Humanização no cuidado
Para não desumanizar, a gente tem que parar para pensar. Só que na nossa área, de políticas e implementação, a gente não tem tempo para parar. Qual é a minha sugestão? Vamos revezar? Vamos incluir mais gente? Enquanto a gente está pensando, o outro já está articulando com o fazer e o outro está articulando com o pensar. O que não dá é para o tempo todo uma única pessoa fazer isso.
Eu fico muito triste, porque parece que integralidade virou moda. Como assim, moda? A gente tem um monte de registro, de sistematizações que apontam para evidências incontornáveis dos princípios do SUS que se materializam. Tem problemas? Tem, repito, e a gente tem que identificá-los rápido. Agora, isso não quer dizer que as outras coisas não existem. É preciso não idealizar o SUS, mas praticá-lo humanamente.
Integralidade e democracia
Entendo que a democracia é a estratégia política mais apropriada para a consolidação dos princípios do SUS. E penso que a integralidade tem o cuidado como sua unidade de valor que é uma ação política por definição.

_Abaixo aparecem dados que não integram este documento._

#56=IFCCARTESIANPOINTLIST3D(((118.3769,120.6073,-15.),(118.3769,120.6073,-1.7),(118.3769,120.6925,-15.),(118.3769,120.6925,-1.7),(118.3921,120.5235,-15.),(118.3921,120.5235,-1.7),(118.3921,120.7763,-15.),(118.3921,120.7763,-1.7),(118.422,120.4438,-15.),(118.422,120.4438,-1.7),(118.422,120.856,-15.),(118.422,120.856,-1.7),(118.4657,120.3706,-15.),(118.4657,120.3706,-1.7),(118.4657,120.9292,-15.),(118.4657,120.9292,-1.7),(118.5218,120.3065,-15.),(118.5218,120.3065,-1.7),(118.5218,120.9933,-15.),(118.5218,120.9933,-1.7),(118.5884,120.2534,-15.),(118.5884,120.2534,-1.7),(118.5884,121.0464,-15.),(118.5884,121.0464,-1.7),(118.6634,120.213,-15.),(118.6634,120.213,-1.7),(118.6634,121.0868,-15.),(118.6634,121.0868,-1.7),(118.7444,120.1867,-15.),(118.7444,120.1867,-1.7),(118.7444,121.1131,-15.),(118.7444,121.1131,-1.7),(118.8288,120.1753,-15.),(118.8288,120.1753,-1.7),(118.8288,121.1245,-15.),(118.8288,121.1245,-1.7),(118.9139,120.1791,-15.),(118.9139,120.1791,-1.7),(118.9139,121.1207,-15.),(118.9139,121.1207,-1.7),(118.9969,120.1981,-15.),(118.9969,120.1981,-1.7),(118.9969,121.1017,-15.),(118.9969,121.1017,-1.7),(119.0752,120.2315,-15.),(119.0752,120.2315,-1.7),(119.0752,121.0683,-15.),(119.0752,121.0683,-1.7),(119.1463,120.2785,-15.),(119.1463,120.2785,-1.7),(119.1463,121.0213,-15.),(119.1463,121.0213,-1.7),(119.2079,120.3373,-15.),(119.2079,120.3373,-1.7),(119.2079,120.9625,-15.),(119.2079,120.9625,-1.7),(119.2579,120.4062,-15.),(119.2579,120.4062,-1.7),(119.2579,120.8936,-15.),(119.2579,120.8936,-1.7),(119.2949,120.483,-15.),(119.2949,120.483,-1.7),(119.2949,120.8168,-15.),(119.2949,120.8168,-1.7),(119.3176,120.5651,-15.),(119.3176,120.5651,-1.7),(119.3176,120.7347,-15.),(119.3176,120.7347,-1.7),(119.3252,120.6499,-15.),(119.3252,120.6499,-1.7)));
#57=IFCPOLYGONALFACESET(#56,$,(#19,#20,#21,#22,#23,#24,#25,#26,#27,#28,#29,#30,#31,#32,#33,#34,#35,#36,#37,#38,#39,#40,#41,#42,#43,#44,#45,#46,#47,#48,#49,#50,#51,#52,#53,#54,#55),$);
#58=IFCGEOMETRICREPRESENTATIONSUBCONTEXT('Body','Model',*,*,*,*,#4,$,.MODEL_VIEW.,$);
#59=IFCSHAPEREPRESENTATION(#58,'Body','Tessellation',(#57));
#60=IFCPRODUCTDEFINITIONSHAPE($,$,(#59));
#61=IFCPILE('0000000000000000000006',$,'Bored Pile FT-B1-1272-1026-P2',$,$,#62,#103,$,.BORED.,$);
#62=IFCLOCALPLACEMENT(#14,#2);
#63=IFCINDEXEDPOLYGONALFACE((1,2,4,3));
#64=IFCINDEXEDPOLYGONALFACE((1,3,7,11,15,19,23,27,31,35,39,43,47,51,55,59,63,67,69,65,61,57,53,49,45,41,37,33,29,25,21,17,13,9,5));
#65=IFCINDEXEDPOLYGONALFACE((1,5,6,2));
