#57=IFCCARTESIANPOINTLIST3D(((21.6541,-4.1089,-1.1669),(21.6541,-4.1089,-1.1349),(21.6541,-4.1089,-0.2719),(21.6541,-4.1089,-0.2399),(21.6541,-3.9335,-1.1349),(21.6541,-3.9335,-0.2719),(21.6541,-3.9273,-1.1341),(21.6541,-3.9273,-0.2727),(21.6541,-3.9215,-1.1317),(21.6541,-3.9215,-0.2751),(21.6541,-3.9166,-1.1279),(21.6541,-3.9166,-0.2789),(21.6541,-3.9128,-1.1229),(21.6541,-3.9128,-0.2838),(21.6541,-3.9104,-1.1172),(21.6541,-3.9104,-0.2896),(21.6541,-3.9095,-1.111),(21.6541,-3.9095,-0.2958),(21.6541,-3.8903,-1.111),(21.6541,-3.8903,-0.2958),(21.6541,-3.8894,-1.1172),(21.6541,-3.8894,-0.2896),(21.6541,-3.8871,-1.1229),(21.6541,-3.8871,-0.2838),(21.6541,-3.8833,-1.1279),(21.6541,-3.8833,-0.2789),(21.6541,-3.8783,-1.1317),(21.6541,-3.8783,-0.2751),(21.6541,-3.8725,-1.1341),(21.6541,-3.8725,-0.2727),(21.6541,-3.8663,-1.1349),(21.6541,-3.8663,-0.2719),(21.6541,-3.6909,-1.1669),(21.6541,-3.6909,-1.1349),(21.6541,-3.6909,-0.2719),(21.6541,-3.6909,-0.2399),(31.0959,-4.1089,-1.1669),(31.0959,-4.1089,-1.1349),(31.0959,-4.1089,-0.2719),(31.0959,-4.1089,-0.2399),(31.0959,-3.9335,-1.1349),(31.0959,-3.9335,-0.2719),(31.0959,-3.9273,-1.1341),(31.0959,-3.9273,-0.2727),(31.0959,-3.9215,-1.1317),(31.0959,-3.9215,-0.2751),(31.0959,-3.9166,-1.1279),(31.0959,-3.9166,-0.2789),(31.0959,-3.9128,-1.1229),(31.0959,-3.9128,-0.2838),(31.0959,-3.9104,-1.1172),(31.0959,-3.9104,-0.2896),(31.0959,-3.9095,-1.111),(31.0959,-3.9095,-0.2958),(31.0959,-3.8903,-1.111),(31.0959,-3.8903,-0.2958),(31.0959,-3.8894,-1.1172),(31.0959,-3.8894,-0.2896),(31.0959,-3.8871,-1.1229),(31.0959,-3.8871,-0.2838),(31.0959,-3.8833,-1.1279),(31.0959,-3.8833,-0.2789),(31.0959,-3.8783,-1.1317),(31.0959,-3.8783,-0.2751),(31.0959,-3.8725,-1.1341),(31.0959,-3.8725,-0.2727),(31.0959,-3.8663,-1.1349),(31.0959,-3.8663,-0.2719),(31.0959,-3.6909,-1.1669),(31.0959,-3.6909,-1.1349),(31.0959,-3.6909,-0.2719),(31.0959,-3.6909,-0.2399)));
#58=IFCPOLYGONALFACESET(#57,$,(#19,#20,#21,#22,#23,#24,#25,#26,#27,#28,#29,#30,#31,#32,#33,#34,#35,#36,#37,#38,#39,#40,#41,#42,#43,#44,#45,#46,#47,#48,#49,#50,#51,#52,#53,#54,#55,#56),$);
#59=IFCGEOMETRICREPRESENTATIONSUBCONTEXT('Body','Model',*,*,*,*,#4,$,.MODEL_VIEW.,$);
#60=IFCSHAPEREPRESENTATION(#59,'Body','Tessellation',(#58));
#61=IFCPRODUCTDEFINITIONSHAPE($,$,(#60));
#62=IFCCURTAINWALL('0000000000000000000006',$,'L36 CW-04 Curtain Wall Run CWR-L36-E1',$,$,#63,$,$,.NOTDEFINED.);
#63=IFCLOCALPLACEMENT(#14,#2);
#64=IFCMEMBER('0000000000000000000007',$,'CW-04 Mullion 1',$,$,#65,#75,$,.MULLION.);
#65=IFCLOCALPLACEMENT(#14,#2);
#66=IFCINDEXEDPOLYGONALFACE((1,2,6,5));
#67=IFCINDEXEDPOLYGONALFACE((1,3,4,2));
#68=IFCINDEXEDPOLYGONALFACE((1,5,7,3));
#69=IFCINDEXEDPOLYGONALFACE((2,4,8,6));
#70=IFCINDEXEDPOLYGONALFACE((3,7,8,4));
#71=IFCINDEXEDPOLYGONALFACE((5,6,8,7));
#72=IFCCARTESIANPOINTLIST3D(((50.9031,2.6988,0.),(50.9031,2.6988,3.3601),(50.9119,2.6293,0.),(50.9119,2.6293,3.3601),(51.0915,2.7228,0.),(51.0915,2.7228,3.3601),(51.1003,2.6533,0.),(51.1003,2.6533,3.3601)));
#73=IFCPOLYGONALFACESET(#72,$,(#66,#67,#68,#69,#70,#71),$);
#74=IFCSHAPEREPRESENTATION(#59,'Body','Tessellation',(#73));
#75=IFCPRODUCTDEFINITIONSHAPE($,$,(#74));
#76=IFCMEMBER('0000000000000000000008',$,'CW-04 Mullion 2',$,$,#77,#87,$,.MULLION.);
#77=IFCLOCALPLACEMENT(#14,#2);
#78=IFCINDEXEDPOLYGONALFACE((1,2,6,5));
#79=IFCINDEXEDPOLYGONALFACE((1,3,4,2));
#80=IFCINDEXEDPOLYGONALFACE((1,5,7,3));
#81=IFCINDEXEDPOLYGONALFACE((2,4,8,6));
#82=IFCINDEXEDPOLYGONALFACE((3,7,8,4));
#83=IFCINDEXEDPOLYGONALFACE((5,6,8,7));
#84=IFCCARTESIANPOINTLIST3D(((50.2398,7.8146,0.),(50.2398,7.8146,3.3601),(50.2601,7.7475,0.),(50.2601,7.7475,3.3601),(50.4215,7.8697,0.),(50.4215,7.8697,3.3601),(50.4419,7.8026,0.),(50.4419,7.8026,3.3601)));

E essa ação política engendra formas de refletir processos de tomada de decisão e vai orientar a gente sobre quais são as melhores evidências e informações para podermos avançar ou até recuar na medida que a gente não alcançou os objetivos inicialmente propostos. Mas sem participação, sem democracia, não tem SUS, não tem princípio, não tem saúde como direito humano. Essa é a compreensão que eu tenho.